Cord Protocol launches post-quantum identity SDK

Cord Protocol, an open source post-quantum cryptographic identity SDK, issues verifiable credentials for AI agents, addressing spoofing and prompt injection risks [Dev.to].

Cord Protocol, an open source post-quantum cryptographic identity SDK for AI agents, is now available on npm and GitHub [Dev.to]. The tool issues cryptographically signed credentials that bind agent identity, human authorization, and permission scopes in a verifiable format. The v0.1.0 release includes Ed25519-based credential issuance and verification, permission scoping, attestation hashing of agent configurations, and a CLI for key generation and validation. Credentials embed the agent ID, issuer, allowed permissions like 'read:data' or 'write:orders', and expiration timestamps [Dev.to].

The project fills a gap in non-human identity management: current systems like SPIFFE/SPIRE, Okta, and AWS IAM lack native support for agent-specific concerns like intent attestation or dynamic delegation of human authority. Cord Protocol’s CryptoBackend interface is designed to swap Ed25519 for CRYSTALS-Dilithium—a NIST-standardized post-quantum signature scheme—when mature JavaScript implementations become available, without requiring code changes [Dev.to].

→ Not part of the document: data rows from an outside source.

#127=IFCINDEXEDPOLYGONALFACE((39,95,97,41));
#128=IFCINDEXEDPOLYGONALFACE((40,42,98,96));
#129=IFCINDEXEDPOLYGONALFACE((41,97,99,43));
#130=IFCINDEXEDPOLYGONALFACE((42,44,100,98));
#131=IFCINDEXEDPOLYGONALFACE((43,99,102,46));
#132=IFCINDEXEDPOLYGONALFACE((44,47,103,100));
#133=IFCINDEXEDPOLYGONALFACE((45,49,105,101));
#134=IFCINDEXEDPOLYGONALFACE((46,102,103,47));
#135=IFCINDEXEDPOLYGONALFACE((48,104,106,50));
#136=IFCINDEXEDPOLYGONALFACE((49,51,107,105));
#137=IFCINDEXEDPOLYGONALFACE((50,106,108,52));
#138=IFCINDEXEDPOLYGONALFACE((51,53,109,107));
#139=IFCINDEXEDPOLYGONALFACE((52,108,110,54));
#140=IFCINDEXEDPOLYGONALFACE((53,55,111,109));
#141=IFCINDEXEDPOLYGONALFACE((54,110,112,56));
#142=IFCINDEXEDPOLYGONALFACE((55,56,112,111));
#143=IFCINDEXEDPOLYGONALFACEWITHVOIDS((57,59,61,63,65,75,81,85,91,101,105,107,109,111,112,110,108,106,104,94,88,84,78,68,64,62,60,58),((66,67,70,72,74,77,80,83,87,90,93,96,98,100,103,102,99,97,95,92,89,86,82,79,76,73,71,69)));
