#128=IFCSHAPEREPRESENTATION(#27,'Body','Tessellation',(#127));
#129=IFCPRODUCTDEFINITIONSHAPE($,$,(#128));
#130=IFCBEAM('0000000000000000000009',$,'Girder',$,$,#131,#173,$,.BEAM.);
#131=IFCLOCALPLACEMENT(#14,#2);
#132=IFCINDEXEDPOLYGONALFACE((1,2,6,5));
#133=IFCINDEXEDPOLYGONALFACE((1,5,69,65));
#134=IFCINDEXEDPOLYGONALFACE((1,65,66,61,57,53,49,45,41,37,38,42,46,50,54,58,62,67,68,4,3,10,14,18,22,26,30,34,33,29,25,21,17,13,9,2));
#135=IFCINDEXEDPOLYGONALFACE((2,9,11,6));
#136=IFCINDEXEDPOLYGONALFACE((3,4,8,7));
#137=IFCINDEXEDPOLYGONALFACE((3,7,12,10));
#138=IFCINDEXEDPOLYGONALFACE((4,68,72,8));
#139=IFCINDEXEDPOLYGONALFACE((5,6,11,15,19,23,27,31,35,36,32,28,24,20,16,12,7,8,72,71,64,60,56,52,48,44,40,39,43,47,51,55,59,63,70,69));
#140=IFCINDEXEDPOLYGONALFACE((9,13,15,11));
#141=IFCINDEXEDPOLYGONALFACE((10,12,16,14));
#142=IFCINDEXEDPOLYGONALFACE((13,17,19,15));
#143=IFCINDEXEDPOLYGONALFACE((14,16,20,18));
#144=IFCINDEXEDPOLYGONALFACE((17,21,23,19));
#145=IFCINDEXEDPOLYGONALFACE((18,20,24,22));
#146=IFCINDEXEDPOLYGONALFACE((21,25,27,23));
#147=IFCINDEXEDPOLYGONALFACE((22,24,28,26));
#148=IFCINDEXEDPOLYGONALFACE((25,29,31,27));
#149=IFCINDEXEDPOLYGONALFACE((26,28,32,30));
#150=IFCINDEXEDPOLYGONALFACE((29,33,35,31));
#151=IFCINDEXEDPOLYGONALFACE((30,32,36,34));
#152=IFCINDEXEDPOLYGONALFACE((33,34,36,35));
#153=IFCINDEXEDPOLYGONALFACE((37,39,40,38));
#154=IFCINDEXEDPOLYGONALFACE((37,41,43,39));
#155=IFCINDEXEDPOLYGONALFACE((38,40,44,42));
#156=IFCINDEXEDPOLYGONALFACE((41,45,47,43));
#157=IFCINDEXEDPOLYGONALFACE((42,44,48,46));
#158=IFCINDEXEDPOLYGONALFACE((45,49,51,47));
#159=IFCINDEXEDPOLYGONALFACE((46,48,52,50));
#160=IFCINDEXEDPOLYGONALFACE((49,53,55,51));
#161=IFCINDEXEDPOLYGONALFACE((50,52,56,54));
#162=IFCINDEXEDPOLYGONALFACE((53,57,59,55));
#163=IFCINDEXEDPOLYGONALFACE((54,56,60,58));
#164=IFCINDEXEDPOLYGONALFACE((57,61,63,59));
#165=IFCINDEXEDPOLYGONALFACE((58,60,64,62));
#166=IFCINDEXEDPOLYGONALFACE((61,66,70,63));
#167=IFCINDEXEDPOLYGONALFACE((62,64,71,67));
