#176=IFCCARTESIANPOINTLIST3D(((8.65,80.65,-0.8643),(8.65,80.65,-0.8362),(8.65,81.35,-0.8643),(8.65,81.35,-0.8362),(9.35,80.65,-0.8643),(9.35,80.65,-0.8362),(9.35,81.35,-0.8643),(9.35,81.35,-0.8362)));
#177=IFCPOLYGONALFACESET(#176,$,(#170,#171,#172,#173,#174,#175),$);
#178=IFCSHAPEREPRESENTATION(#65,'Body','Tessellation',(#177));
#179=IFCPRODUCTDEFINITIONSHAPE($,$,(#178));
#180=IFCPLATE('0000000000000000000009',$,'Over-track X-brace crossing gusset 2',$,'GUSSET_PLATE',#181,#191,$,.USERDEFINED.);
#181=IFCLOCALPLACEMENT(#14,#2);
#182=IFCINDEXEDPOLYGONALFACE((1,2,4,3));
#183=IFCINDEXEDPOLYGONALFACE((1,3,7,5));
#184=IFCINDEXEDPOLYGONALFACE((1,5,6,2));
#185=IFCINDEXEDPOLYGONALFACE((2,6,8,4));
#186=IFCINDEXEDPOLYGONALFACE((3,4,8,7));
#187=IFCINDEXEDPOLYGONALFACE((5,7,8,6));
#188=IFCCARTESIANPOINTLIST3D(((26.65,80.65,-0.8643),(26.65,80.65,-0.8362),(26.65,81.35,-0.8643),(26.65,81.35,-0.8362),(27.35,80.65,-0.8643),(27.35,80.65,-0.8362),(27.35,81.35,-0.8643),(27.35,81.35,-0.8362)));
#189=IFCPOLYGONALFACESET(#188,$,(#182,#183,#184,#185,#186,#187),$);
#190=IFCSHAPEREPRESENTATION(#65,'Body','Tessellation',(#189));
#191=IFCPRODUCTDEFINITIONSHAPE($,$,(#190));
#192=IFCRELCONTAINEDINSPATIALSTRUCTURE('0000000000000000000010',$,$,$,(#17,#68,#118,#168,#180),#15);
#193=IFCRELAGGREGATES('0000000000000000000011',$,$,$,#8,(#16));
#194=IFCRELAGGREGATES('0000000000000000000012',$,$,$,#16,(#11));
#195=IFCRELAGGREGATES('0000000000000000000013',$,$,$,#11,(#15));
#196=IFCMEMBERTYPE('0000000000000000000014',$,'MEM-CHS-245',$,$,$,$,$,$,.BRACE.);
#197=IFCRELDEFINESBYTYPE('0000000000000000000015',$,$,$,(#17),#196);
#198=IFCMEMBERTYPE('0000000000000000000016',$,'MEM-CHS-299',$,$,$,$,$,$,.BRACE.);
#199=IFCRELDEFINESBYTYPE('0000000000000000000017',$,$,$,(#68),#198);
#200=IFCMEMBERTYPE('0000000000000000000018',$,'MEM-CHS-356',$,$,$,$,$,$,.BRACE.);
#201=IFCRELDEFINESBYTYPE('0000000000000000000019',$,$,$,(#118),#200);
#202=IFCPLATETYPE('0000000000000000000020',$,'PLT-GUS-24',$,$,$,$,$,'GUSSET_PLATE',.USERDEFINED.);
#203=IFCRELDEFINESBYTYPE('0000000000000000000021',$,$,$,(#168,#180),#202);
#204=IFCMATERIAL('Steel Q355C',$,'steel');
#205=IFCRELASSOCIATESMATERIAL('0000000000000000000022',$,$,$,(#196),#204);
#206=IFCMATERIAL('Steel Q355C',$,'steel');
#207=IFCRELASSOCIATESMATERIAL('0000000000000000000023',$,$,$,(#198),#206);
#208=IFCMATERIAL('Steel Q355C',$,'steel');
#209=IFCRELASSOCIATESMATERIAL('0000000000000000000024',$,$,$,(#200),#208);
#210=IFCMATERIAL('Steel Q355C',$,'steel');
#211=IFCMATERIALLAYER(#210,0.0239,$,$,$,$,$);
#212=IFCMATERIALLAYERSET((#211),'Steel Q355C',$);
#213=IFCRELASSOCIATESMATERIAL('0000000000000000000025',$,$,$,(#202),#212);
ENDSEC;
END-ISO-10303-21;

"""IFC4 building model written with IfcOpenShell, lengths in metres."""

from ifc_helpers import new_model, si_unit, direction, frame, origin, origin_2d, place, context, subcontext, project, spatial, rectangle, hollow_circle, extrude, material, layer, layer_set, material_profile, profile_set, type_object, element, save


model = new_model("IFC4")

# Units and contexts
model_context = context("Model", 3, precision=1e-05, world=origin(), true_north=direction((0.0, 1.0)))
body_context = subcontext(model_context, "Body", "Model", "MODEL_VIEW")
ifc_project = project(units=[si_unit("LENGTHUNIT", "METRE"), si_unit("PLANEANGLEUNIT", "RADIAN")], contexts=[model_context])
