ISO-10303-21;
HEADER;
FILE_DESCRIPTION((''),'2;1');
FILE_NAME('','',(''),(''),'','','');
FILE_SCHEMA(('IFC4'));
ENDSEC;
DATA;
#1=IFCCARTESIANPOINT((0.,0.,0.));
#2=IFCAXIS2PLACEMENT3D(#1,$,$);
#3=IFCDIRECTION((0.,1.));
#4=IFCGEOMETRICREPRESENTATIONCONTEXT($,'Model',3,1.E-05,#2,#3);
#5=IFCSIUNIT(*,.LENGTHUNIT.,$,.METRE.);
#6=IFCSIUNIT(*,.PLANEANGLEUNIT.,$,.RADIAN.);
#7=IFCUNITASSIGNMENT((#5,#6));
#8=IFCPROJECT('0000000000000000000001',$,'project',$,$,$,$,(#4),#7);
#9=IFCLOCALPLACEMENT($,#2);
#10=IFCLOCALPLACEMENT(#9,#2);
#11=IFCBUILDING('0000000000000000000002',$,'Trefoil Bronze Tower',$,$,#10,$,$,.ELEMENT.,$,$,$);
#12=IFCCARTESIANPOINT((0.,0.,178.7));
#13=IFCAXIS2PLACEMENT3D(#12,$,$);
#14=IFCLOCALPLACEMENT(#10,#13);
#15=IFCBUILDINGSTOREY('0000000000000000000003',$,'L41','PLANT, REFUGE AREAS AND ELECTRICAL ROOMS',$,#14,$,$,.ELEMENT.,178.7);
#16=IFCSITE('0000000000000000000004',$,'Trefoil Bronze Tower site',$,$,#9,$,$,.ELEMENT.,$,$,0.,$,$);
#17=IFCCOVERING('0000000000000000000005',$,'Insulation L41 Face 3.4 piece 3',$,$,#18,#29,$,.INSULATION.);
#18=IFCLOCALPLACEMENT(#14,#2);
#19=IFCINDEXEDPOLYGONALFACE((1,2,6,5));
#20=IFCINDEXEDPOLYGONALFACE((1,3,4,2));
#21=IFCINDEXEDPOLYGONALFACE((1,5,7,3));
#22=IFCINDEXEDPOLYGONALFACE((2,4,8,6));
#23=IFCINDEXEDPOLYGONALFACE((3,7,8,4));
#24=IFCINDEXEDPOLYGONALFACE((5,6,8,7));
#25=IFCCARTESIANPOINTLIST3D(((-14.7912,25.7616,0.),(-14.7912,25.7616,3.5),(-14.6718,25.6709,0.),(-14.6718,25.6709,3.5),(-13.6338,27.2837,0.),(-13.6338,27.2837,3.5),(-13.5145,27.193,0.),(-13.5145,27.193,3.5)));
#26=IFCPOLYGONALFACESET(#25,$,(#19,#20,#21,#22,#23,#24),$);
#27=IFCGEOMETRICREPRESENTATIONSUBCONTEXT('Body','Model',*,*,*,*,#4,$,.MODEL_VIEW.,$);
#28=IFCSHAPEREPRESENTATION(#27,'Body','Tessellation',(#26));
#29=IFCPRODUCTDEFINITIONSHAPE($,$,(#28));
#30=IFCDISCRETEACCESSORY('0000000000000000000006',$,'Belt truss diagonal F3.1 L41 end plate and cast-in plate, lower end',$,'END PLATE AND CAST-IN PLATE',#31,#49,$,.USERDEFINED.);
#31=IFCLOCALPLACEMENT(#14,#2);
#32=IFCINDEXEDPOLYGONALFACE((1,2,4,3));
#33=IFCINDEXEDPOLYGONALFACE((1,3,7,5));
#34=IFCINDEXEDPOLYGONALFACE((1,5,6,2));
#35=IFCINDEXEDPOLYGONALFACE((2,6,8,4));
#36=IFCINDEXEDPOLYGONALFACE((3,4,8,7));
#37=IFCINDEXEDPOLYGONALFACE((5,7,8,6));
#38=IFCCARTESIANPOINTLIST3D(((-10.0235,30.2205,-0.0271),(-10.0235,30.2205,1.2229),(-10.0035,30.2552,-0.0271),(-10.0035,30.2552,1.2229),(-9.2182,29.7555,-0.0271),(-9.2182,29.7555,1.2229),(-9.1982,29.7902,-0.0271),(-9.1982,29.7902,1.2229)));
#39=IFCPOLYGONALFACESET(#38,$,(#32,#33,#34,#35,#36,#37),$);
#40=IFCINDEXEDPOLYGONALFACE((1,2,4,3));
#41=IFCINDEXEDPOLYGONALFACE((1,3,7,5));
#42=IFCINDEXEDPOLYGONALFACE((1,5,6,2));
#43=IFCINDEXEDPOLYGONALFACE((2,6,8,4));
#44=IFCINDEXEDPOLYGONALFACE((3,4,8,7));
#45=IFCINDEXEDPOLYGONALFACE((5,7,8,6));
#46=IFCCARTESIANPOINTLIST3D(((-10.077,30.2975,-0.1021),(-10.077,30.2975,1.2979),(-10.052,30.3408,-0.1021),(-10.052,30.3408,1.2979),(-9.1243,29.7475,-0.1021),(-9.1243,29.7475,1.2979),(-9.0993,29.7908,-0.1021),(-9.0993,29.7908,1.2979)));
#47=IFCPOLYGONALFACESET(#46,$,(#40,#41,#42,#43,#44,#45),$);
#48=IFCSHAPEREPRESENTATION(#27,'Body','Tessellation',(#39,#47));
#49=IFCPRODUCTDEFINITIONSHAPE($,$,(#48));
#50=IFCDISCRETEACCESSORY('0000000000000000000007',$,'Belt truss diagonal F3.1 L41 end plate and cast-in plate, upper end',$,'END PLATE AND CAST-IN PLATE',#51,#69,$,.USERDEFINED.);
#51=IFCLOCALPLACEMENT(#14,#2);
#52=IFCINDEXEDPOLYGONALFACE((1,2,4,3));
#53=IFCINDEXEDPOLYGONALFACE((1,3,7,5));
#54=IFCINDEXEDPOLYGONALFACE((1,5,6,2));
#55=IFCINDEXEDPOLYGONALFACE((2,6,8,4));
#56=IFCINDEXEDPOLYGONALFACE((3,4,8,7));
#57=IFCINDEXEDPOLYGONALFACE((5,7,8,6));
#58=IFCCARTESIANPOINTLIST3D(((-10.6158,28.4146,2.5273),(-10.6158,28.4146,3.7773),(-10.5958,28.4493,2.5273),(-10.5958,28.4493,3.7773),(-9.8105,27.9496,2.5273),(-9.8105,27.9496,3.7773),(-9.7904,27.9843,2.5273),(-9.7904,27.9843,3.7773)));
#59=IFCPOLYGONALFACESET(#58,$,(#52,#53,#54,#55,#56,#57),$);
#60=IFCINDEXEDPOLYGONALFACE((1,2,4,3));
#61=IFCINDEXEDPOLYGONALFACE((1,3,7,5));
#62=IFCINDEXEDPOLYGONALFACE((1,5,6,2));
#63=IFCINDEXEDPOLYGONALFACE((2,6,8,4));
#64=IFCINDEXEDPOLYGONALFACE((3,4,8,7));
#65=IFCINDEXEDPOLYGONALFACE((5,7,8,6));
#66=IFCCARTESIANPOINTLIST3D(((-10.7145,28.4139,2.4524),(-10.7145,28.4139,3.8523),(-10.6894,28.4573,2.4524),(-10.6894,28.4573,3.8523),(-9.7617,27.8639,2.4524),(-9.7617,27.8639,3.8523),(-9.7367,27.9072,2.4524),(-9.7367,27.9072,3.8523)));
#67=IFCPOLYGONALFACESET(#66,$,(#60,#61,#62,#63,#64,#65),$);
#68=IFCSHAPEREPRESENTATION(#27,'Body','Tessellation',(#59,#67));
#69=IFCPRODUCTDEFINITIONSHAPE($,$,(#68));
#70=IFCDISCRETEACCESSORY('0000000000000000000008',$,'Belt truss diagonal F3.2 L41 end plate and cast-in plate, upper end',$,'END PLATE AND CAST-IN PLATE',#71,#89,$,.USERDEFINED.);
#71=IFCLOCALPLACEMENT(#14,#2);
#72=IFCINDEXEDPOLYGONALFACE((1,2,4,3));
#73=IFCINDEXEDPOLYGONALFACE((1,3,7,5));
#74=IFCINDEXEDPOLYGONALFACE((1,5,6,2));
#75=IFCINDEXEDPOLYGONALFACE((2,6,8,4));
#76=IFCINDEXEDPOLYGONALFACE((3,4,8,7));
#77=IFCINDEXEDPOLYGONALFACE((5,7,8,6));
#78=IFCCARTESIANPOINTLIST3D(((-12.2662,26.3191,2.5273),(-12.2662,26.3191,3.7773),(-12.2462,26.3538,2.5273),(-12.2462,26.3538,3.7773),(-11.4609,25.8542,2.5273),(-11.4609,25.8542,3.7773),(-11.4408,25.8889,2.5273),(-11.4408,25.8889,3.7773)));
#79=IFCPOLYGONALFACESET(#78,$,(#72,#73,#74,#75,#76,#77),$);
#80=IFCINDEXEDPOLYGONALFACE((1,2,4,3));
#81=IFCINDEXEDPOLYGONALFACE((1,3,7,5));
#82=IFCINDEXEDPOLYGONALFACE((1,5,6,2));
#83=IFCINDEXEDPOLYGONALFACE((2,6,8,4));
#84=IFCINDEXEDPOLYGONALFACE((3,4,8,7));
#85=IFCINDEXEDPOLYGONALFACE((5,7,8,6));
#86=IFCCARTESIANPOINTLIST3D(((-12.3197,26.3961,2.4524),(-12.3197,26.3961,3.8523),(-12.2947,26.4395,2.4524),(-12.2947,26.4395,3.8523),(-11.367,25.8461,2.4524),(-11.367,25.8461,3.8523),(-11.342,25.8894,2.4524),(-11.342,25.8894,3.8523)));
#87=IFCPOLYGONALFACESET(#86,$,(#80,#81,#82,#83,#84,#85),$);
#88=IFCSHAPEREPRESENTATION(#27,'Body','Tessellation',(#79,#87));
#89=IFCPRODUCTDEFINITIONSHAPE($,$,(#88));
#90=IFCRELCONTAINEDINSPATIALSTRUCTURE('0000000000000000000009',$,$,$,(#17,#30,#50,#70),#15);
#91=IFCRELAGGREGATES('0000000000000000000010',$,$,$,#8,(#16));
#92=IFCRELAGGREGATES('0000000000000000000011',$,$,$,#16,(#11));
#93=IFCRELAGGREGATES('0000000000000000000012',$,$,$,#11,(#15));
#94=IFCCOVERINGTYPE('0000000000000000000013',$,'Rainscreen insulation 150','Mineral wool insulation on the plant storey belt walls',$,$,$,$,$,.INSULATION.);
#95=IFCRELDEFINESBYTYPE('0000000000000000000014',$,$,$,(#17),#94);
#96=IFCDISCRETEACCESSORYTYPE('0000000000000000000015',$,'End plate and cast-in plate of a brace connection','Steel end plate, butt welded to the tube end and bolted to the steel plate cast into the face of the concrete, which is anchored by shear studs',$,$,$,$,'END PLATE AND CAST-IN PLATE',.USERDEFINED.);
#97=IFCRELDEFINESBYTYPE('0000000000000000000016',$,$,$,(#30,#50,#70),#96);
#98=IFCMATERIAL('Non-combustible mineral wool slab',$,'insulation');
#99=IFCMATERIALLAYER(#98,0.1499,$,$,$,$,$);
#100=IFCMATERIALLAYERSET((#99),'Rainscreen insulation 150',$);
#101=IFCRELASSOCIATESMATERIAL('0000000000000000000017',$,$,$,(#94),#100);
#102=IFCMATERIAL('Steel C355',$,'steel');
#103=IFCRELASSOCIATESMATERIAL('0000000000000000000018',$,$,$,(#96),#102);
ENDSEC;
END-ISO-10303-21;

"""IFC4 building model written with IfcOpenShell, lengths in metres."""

from ifc_helpers import new_model, si_unit, direction, frame, origin, origin_2d, place, context, subcontext, project, spatial, rectangle, extrude, material, layer, layer_set, type_object, element, save


model = new_model("IFC4")

# Units and contexts
model_context = context("Model", 3, precision=1e-05, world=origin(), true_north=direction((0.0, 1.0)))
body_context = subcontext(model_context, "Body", "Model", "MODEL_VIEW")
ifc_project = project(units=[si_unit("LENGTHUNIT", "METRE"), si_unit("PLANEANGLEUNIT", "RADIAN")], contexts=[model_context])

# Site, building, storey
site_placement = place(None, origin())
site = spatial("IfcSite", under=ifc_project, at=site_placement, Name="Trefoil Bronze Tower site", CompositionType="ELEMENT", RefElevation=0.0)
building_placement = place(site_placement, origin())
building = spatial("IfcBuilding", under=site, at=building_placement, Name="Trefoil Bronze Tower", CompositionType="ELEMENT")
storey_placement = place(building_placement, frame((0.0, 0.0, 178.7)))
storey = spatial("IfcBuildingStorey", under=building, at=storey_placement, Name="L41", Description="PLANT, REFUGE AREAS AND ELECTRICAL ROOMS", CompositionType="ELEMENT", Elevation=178.7)

# Covering
ifc_material_1 = material(Name="Non-combustible mineral wool slab", Category="insulation")
ifc_layer_1 = layer(ifc_material_1, 0.1499)
ifc_layer_set_1 = layer_set([ifc_layer_1], Name="Rainscreen insulation 150")
covering_type_1 = type_object("IfcCoveringType", Name="Rainscreen insulation 150", Description="Mineral wool insulation on the plant storey belt walls", PredefinedType="INSULATION", material=ifc_layer_set_1)
covering_1_placement = place(storey_placement, frame((-14.1528, 26.4773, 0.0), z_axis=(0.0, 0.0, 1.0), x_axis=(-0.605252, -0.796034, 0.0)))
element("IfcCovering", 1, at=covering_1_placement, inside=storey, type_object=covering_type_1, Name="Insulation L41 Face 3.4 piece 3", PredefinedType="INSULATION", context=body_context, shape_type="SweptSolid", body=[
    extrude(rectangle(XDim=1.9121, YDim=0.1499, at=origin_2d()), origin(), (0.0, 0.0, 1.0), 3.5),
])

# Discrete accessories
ifc_material_2 = material(Name="Steel C355", Category="steel")
discrete_accessory_type = type_object("IfcDiscreteAccessoryType", Name="End plate and cast-in plate of a brace connection", Description="Steel end plate, butt welded to the tube end and bolted to the steel plate cast into the face of the concrete, which is anchored by shear studs", ElementType="END PLATE AND CAST-IN PLATE", PredefinedType="USERDEFINED", material=ifc_material_2)
discrete_accessory_1_placement = place(storey_placement, frame((-9.6008, 30.0227, 0.5979), z_axis=(0.0, 0.0, 1.0), x_axis=(-0.5, -0.866025, 0.0)))
element("IfcDiscreteAccessory", 2, at=discrete_accessory_1_placement, inside=storey, type_object=discrete_accessory_type, Name="Belt truss diagonal F3.1 L41 end plate and cast-in plate, lower end", ObjectType="END PLATE AND CAST-IN PLATE", PredefinedType="USERDEFINED", context=body_context, shape_type="SweptSolid", body=[
    extrude(rectangle(XDim=0.04, YDim=0.9299, at=origin_2d()), frame((0.02, 0.0, -0.625)), (0.0, 0.0, 1.0), 1.25),
    extrude(rectangle(XDim=0.05, YDim=1.1001, at=origin_2d()), frame((-0.0249, 0.0002, -0.7)), (0.0, 0.0, 1.0), 1.3999),
])
discrete_accessory_2_placement = place(storey_placement, frame((-10.2131, 28.1821, 3.1523), z_axis=(0.0, 0.0, 1.0), x_axis=(0.5, 0.866025, 0.0)))
element("IfcDiscreteAccessory", 3, at=discrete_accessory_2_placement, inside=storey, type_object=discrete_accessory_type, Name="Belt truss diagonal F3.1 L41 end plate and cast-in plate, upper end", ObjectType="END PLATE AND CAST-IN PLATE", PredefinedType="USERDEFINED", context=body_context, shape_type="SweptSolid", body=[
    extrude(rectangle(XDim=0.04, YDim=0.9299, at=origin_2d()), frame((0.02, 0.0, -0.625)), (0.0, 0.0, 1.0), 1.25),
    extrude(rectangle(XDim=0.05, YDim=1.1001, at=origin_2d()), frame((-0.0249, 0.0, -0.7)), (0.0, 0.0, 1.0), 1.3999),
])
discrete_accessory_3_placement = place(storey_placement, frame((-11.8435, 26.1213, 3.1523), z_axis=(0.0, 0.0, 1.0), x_axis=(-0.5, -0.866025, 0.0)))
element("IfcDiscreteAccessory", 4, at=discrete_accessory_3_placement, inside=storey, type_object=discrete_accessory_type, Name="Belt truss diagonal F3.2 L41 end plate and cast-in plate, upper end", ObjectType="END PLATE AND CAST-IN PLATE", PredefinedType="USERDEFINED", context=body_context, shape_type="SweptSolid", body=[
    extrude(rectangle(XDim=0.04, YDim=0.9299, at=origin_2d()), frame((0.02, 0.0, -0.625)), (0.0, 0.0, 1.0), 1.25),
    extrude(rectangle(XDim=0.05, YDim=1.1001, at=origin_2d()), frame((-0.0249, 0.0002, -0.7)), (0.0, 0.0, 1.0), 1.3999),
])

save(model, "model.ifc")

The need for post-quantum cryptography is pressing: NIST finalized post-quantum standards in 2024 due to the “harvest now, decrypt later” risk. Adversaries are archiving encrypted traffic today to decrypt it once quantum computers mature, expected within 5–10 years [Dev.to]. Additionally, prompt injection is already exploitable at runtime, with OWASP ranking it as the top security risk for agentic applications in 2026. Cord Protocol directly addresses these concerns by providing audit-ready cryptographic proofs of authorization for AI agents.